Memory-Usage on the GPU twice as the GPU Memory Usage of the process

I’m sorting a std::vector with std::sort and par_unseq policy using nvc++ -stdpar.

nvidia-smi reports the “GPU Memory Usage” of the process roughly equal to the size of the vector,
but it also reports the “Memory-Usage” on the GPU to be twice of that.
What is the difference between these memory usages?

The unified memory profiling result shows the expected “Host To Device” size.
When the vector is bigger than the half of the GPU memory, nvprof reports both high “Host To Device” and “Device To Host” metrics, and the Memory-Usage on the GPU is almost 100%.
The SDK version is 21.1.

Sort uses a radix sort which does need temporary GPU memory that’s the same size as the original data.

I figured that out from the nvprof output. Is the implementation of the algorithms documented anywhere to check the memory requirements beforehand?

Also the other question still stands: why doesn’t the “GPU Memory Usage” of the process include that additional memory?

PS I received another reply in the mail where you requested a reproducing example, so here it is. Just change the size to better fit the GPU.

Is the implementation of the algorithms documented anywhere to check the memory requirements beforehand?

Our C++17 stdpar implementation is built on top of Thrust, but I don’t see anything in their documentation regarding memory usage.

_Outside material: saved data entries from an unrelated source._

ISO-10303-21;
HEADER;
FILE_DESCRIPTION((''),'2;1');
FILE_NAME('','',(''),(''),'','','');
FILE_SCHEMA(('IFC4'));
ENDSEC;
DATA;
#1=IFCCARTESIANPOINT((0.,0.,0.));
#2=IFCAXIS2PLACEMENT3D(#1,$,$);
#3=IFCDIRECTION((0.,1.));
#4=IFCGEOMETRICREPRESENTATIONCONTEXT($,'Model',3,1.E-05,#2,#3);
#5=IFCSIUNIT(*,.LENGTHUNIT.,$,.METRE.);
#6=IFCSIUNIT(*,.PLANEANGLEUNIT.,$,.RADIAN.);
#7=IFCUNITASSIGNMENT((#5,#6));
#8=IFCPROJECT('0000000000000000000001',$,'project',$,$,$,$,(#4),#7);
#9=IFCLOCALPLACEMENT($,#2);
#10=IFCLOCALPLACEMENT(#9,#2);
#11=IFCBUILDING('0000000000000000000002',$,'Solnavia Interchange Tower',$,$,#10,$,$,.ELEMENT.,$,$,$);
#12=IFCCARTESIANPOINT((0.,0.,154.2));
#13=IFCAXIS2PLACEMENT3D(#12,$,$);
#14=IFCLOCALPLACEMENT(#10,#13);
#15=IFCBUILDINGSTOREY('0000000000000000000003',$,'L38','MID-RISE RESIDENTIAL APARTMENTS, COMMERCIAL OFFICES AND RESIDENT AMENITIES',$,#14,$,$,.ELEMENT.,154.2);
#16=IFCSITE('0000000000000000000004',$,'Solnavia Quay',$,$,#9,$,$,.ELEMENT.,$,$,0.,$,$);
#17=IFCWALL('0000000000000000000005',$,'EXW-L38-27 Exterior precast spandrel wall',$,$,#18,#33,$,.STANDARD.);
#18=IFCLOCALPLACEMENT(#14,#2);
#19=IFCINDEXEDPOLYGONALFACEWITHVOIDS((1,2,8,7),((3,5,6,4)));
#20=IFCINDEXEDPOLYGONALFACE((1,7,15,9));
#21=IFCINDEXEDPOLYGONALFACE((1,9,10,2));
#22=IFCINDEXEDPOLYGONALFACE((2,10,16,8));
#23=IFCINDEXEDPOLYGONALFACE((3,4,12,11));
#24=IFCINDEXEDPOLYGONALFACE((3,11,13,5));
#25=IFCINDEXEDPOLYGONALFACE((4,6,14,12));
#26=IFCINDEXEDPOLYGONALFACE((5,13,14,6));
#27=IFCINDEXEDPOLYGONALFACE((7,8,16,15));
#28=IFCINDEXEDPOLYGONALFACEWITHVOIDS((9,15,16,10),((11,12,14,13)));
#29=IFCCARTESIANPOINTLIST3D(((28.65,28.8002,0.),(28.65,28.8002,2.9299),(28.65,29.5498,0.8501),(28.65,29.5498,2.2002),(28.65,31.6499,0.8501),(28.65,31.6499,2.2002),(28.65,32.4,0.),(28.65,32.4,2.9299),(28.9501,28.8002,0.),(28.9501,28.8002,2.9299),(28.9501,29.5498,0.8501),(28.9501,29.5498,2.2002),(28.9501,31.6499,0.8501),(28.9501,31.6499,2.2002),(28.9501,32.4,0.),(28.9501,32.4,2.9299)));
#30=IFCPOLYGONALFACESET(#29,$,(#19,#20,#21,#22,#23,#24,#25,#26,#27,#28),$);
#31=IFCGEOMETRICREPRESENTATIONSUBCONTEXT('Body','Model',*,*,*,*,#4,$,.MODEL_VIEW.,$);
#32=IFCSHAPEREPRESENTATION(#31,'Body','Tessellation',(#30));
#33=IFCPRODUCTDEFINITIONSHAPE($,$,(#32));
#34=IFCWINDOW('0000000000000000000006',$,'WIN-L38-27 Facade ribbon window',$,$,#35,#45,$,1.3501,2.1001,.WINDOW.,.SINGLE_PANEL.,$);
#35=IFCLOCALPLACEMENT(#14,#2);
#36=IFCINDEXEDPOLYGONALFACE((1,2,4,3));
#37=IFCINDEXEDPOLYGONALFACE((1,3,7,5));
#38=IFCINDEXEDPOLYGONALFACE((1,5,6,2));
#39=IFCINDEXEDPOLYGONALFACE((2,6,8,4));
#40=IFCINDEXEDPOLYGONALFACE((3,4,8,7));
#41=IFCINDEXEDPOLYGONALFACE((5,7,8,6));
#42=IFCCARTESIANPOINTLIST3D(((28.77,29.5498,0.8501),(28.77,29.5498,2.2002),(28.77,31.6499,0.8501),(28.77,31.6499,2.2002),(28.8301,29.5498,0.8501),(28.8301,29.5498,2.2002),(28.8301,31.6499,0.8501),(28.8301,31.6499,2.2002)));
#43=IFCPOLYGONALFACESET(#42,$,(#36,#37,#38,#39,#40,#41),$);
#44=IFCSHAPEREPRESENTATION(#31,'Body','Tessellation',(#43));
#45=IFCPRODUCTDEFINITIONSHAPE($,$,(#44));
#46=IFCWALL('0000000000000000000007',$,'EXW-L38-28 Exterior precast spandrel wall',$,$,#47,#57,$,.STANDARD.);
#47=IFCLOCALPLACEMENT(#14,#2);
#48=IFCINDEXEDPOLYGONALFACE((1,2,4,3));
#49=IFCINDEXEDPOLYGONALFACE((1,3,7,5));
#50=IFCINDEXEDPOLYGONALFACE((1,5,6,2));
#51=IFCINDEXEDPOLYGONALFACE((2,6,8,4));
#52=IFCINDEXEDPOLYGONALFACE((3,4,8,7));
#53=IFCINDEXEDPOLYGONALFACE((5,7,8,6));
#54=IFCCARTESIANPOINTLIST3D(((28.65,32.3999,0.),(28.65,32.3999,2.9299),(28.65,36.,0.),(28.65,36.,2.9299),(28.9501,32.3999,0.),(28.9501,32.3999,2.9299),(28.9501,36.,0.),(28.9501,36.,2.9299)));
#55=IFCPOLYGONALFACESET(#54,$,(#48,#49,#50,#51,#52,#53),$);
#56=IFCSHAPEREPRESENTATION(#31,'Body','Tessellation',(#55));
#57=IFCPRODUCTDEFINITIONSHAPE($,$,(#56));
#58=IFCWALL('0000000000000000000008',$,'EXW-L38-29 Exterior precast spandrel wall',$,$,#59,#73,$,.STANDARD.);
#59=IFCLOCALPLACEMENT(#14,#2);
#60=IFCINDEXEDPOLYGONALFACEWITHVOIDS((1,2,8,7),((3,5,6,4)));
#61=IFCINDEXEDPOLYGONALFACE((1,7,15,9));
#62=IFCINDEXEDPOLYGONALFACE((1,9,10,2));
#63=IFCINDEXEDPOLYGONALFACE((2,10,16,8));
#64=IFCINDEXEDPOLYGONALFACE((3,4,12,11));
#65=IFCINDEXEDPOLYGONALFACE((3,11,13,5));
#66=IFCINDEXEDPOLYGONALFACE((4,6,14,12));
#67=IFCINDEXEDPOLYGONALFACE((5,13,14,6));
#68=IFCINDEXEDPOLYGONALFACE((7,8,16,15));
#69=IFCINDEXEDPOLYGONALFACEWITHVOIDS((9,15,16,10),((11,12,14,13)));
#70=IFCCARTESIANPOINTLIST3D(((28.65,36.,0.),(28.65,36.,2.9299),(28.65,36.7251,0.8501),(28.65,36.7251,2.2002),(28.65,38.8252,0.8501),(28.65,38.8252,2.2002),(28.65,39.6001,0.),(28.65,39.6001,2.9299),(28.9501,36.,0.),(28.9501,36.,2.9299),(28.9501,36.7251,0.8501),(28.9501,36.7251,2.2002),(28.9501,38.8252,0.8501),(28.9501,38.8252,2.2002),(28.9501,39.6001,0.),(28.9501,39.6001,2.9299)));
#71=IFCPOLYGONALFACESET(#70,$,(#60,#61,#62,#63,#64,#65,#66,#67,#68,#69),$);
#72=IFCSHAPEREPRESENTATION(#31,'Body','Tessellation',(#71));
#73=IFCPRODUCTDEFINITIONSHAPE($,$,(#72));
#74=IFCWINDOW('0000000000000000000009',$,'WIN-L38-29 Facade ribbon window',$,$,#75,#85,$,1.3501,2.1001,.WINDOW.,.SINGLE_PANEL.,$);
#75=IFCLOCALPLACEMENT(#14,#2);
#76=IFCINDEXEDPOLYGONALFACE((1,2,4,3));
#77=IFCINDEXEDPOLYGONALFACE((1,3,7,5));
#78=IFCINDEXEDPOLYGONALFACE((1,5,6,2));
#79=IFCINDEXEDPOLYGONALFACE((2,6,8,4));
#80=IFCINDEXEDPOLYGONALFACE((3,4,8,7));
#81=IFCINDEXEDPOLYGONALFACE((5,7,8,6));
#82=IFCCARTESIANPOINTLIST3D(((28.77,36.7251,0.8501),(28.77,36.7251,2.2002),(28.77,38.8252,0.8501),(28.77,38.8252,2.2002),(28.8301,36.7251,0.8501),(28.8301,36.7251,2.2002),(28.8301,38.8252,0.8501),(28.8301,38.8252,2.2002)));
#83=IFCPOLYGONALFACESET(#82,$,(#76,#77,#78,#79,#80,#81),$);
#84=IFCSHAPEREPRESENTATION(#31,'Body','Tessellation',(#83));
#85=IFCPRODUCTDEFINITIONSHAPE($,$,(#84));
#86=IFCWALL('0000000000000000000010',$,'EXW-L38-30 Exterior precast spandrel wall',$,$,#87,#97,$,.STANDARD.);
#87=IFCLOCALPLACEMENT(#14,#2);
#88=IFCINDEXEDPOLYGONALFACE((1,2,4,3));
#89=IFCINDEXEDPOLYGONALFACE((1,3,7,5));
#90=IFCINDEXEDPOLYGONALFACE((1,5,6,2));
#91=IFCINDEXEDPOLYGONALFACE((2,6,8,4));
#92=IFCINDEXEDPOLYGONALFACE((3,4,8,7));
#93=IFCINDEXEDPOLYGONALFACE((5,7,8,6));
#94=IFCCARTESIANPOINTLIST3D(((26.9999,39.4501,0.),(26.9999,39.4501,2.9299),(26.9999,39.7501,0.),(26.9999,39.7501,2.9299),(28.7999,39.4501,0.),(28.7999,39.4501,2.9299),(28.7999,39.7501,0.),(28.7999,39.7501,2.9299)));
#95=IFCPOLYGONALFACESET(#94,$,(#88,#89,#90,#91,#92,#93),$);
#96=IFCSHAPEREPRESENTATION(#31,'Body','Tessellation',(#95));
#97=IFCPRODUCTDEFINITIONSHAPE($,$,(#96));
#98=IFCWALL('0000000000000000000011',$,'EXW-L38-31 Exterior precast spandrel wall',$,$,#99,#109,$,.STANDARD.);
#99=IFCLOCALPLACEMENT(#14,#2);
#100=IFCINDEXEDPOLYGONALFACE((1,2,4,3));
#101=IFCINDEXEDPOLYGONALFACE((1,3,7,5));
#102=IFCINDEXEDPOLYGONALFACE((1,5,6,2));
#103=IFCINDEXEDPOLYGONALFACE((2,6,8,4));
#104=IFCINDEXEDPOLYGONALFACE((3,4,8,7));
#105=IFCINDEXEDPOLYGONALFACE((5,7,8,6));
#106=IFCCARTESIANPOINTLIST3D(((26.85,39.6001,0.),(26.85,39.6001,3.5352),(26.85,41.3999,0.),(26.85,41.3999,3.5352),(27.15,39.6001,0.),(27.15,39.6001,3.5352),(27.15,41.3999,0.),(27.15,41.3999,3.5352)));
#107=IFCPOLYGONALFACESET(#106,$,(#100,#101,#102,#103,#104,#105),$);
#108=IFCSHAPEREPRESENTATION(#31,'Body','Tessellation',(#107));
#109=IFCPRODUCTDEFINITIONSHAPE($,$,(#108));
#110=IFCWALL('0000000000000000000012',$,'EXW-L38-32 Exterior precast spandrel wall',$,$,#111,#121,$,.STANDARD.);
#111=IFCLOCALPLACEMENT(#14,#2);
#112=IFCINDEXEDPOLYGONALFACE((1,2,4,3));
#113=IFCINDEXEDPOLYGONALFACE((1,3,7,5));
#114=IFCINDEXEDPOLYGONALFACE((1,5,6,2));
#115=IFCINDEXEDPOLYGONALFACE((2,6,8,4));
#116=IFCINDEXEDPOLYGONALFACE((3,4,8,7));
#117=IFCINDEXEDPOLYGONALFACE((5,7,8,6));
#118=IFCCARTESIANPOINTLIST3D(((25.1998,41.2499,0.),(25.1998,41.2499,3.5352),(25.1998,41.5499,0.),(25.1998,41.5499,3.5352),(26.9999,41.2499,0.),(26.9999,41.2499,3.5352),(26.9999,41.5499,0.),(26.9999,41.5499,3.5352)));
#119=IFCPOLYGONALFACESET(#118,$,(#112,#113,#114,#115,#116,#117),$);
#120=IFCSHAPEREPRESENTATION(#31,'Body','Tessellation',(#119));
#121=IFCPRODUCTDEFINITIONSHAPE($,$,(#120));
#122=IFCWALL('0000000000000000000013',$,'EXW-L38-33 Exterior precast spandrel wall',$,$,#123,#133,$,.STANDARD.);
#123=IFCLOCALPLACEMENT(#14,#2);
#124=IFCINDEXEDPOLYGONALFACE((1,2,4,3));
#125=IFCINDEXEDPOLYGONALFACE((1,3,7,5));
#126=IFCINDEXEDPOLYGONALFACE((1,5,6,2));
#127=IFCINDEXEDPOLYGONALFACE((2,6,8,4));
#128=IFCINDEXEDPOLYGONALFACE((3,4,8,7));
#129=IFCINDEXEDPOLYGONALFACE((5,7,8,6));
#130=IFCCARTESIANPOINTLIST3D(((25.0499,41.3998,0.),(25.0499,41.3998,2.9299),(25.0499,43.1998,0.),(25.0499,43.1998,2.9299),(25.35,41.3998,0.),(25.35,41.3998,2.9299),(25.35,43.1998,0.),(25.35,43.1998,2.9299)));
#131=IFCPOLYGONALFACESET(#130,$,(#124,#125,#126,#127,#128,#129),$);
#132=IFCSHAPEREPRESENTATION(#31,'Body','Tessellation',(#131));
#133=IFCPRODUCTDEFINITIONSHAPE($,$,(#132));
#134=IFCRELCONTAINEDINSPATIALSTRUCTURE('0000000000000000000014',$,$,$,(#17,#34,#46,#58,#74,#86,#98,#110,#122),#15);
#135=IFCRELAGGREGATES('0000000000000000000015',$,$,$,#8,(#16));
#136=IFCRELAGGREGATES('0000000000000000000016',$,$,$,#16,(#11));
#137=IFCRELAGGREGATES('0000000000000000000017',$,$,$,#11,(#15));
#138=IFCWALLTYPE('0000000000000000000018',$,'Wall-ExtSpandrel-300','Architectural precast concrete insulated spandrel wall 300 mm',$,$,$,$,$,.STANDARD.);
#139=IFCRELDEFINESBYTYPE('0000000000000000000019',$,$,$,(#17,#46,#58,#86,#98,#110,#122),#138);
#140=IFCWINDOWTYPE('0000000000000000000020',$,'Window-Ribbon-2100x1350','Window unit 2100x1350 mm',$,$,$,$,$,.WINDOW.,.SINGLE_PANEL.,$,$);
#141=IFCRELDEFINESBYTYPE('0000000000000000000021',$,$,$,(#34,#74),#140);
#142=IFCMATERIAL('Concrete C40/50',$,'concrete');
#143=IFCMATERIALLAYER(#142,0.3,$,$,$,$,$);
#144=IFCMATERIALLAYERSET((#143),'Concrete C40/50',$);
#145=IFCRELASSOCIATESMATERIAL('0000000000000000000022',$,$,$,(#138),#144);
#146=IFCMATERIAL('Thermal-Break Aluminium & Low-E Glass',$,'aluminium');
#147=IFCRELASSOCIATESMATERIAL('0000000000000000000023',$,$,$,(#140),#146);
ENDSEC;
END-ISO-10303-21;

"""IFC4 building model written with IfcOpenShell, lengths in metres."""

from ifc_helpers import new_model, si_unit, direction, frame, frame_2d, origin, place, context, subcontext, project, spatial, rectangle, extrude, material, layer, layer_set, type_object, element, fill, save


model = new_model("IFC4")

# Units and contexts
model_context = context("Model", 3, precision=1e-05, world=origin(), true_north=direction((0.0, 1.0)))
body_context = subcontext(model_context, "Body", "Model", "MODEL_VIEW")
ifc_project = project(units=[si_unit("LENGTHUNIT", "METRE"), si_unit("PLANEANGLEUNIT", "RADIAN")], contexts=[model_context])

# Site, building, storey
site_placement = place(None, origin())
site = spatial("IfcSite", under=ifc_project, at=site_placement, Name="Solnavia Quay", CompositionType="ELEMENT", RefElevation=0.0)
building_placement = place(site_placement, origin())
building = spatial("IfcBuilding", under=site, at=building_placement, Name="Solnavia Interchange Tower", CompositionType="ELEMENT")
storey_placement = place(building_placement, frame((0.0, 0.0, 154.2)))
storey = spatial("IfcBuildingStorey", under=building, at=storey_placement, Name="L38", Description="MID-RISE RESIDENTIAL APARTMENTS, COMMERCIAL OFFICES AND RESIDENT AMENITIES", CompositionType="ELEMENT", Elevation=154.2)

# Shared definitions
ifc_material_1 = material(Name="Concrete C40/50", Category="concrete")
ifc_layer = layer(ifc_material_1, 0.3)
ifc_layer_set = layer_set([ifc_layer], Name="Concrete C40/50")
wall_type = type_object("IfcWallType", Name="Wall-ExtSpandrel-300", Description="Architectural precast concrete insulated spandrel wall 300 mm", PredefinedType="STANDARD", material=ifc_layer_set)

Also the other question still stands: why doesn’t the “GPU Memory Usage” of the process include that additional memory?

Unified memory usage isn’t included in what is shown per process via nvidia-smi.

Do I understand correctly, the “GPU Memory Usage” of the process is the temporary memory, used by the radix sort, which happens to be equal to the unified memory size in this case?

That’s our understanding, though if you need a more definitive answer, we’d need to double check with the Thrust folks.

Thank you for the clarification.
I suppose this topic can be closed now.